By: Adrian Chester Inojales

Both students and faculty of Ateneo de Davao University’s School of Nursing (SoN) vented their frustrations as their hopes were dashed with President Benigno Aquino III vetoing the Comprehensive Nursing Law of 2016 last June 16.

The Comprehensive Nursing Law of 2016 traces itself as a combination of consolidated House Bill No. 6411 and Senate Bill No. 2720 which seeks to raise the professional standard of nurses in the Philippines as an improved version of Republic Act No. 9163 or the Philippine Nursing Act of 2002.

And yet confused, disappointed

To Yves Angelo Espino, a 3rd Year nursing student, he does not seem to understand why the bill was vetoed at the first place when it would greatly help nurses in the Philippines to be actually paid for their worth and at the same time, their efforts at work.

Espino praises his counterparts, the professional nurses, saying that they are resourceful, respectful, and respectable, and who treat their patients with quality care as if the patients were their own family or loved one.

Espino adds that he does not understand why would Aquino reject and veto the bill that he thinks has the best interests of nurses at heart while Joseph Dayot is also disappointed, saying that “. . . being a nurse is one of the most difficult yet underestimated professions.”

Dayot argues his choice of course “. . . is not just a profession. It is a calling.” He also says that doing rounds with patients for almost eight hours everyday and not getting compensated properly for it clearly shows that the Aquino does not command enough knowledge to see how difficult and challenging it is to be nurse.

“The salary should be increased or else, all the nurses might go abroad and we’ll have a Philippines left with none,” Dayot further warns.


The faculty of the School of Nursng did not even bother to have reservations in being outspoken against Aquino’s veto.

Hazel Facundo, a faculty of the said department saw the veto as an “inhumane act”, commenting that the lack of a salary hike adds more weight and burden to nurses around the country.

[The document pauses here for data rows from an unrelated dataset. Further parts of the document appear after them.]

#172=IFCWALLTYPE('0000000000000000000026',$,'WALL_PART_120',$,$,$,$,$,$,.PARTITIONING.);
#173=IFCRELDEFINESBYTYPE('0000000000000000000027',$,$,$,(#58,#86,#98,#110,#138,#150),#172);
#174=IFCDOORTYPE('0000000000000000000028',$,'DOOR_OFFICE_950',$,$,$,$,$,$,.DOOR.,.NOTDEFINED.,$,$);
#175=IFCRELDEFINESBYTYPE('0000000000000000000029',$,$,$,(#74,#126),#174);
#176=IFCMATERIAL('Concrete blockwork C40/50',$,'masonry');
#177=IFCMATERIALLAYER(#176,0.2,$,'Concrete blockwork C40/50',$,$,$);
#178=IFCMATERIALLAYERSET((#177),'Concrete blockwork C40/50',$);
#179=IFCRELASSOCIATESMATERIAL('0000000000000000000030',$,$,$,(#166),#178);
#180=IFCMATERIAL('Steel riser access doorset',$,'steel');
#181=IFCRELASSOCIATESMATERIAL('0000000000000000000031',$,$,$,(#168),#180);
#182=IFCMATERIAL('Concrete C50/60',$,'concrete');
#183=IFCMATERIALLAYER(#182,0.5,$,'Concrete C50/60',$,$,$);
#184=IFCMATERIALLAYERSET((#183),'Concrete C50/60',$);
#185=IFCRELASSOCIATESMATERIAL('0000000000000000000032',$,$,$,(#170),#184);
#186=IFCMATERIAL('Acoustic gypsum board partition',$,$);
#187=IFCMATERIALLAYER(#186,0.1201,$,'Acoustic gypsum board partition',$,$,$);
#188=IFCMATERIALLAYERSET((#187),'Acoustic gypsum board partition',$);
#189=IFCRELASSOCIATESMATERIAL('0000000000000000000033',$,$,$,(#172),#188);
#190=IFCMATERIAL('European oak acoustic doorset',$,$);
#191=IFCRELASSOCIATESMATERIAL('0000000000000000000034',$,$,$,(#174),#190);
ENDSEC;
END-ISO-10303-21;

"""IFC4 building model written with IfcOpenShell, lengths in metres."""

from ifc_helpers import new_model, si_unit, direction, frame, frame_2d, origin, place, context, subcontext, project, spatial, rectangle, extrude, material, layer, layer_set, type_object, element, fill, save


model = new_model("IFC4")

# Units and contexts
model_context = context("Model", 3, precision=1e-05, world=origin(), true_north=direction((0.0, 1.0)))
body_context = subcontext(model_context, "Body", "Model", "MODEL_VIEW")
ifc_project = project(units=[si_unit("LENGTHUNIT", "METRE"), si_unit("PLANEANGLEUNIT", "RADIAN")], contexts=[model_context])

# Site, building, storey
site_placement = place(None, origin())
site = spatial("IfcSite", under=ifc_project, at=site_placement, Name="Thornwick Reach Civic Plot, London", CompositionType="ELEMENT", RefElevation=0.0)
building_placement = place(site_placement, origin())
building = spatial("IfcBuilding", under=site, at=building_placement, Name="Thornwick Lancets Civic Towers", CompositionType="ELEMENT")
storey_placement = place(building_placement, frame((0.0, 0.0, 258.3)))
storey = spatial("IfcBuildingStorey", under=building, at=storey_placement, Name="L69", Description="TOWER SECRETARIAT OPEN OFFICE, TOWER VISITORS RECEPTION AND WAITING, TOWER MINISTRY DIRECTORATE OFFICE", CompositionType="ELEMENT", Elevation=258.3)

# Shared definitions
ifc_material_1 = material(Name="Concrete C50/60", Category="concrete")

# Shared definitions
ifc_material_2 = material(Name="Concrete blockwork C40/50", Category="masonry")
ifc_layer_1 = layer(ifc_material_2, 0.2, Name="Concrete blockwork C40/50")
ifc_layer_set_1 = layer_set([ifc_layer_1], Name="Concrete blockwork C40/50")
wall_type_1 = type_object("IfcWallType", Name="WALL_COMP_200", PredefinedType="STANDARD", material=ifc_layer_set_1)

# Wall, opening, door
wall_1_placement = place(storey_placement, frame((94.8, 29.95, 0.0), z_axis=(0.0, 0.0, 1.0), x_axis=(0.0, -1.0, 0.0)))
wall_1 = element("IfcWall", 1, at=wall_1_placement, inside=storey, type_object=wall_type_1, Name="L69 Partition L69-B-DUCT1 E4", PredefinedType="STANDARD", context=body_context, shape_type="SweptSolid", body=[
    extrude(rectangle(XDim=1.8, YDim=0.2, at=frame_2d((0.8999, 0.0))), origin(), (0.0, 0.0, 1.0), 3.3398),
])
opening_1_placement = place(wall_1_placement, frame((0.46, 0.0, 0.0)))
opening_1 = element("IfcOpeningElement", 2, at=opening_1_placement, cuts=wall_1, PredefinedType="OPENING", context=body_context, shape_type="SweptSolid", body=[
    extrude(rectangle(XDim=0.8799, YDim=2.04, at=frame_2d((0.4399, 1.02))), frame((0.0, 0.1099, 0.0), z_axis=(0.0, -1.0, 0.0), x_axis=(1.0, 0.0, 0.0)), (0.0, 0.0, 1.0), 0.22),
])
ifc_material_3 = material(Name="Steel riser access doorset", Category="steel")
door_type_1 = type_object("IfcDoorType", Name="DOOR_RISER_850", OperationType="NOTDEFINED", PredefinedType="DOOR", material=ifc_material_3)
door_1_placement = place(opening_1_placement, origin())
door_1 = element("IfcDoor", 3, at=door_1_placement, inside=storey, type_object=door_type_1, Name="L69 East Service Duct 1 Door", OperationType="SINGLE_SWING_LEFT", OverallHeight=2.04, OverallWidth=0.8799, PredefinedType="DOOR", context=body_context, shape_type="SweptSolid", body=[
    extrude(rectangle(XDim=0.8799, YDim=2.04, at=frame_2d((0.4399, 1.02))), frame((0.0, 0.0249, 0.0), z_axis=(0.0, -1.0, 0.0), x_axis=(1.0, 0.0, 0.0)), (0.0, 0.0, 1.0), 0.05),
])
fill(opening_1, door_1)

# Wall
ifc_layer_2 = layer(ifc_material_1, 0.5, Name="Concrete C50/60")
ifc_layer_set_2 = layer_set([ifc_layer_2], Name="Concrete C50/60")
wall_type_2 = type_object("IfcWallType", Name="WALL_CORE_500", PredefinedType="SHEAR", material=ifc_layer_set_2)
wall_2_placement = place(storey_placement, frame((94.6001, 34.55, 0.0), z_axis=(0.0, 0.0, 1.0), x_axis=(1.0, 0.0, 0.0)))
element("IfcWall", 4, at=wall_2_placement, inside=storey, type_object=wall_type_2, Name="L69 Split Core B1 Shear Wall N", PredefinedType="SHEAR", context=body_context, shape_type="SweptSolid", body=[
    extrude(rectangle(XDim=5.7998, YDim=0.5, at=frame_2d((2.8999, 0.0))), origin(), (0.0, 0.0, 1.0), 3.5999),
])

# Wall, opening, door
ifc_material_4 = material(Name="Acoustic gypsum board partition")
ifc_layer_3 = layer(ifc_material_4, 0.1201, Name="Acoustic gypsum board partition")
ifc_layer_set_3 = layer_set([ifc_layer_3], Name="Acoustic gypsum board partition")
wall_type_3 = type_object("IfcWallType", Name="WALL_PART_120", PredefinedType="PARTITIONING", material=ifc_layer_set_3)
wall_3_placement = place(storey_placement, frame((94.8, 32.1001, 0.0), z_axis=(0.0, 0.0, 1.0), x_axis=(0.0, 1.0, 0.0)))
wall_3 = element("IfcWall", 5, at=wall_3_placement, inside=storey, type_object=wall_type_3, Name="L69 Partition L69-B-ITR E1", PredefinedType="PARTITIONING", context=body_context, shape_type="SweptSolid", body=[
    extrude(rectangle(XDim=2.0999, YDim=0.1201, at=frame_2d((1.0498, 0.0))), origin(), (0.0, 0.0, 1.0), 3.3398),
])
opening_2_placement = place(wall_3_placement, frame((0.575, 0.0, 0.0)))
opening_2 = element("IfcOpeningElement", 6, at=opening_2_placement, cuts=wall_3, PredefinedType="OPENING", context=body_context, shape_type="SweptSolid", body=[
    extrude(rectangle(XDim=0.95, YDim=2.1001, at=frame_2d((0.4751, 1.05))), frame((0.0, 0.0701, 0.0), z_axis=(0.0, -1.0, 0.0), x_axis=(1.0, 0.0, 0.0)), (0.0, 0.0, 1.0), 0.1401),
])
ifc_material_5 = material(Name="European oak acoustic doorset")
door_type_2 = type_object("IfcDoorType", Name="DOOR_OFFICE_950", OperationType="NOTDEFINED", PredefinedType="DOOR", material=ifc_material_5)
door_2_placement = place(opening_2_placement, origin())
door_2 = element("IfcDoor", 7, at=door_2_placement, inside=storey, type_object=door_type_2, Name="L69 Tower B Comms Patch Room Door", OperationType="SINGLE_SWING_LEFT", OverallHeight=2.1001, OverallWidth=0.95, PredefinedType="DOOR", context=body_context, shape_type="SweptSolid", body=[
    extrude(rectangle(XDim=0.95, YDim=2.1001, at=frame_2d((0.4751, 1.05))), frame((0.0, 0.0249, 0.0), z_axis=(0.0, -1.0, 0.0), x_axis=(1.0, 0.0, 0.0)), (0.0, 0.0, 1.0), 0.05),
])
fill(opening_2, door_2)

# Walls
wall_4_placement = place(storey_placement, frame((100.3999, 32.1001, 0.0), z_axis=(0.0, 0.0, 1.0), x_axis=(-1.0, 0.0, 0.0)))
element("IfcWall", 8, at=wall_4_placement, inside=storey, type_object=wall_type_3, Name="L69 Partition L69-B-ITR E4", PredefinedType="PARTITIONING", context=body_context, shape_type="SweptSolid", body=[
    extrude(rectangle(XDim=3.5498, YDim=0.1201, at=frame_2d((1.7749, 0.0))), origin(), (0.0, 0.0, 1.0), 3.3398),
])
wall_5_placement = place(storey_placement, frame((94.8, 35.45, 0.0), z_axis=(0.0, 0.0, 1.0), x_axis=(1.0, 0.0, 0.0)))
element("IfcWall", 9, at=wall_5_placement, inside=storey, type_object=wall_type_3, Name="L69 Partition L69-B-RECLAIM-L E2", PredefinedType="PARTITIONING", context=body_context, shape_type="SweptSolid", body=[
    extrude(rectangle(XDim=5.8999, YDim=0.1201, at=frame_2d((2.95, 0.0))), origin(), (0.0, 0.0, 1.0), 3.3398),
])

She also warns the same situation as described by Dayot, saying that, “It gives us a good justification to go abroad and to seek for higher salaries.”

Another side of the coin

Presidential Communications Operations Office Secretary Herminio Coloma Jr., in a press conference after Aquino’s veto, said the government is simply ensuring that it is being fair to all workers and that the nurses’ appeal for higher wages, along with teachers and other employees, had been addressed through performance-based compensation.

Aquino further argued in his veto message that the base pay for entry level was already increased through Executive Order No. 201, series of 2016 which guaranteed their total annual compensation from P228,924 or P19,077 per month to P344,074 or P28,672.83 per month.

A medical worker exodus 

On the other hand, data from the Philippine Overseas Employment Administration (POEA) showed that since 2012, there had already been a steady increase of Filipino nurses deploying themselves to foreign destinations in search of higher paying medical jobs.

POEA’s data showed that the deployment of Filipino nurses abroad continued to rise from 15,655 in 2012, 16,44 in 2013, and 19,815 in 2014.

POEA attributes its numbers due to Filipino medical workers are in demand in countries in the Middle East as well they have been long been popular work destinations for Overseas Filipino Workers (OFWs).

The exodus of valuable medical know-how has led the Department of Health (DOH) and other medical experts and think-tanks to conclude that it is one of the deciding factors which prevents the government from fully implementing its Universal Healthcare program.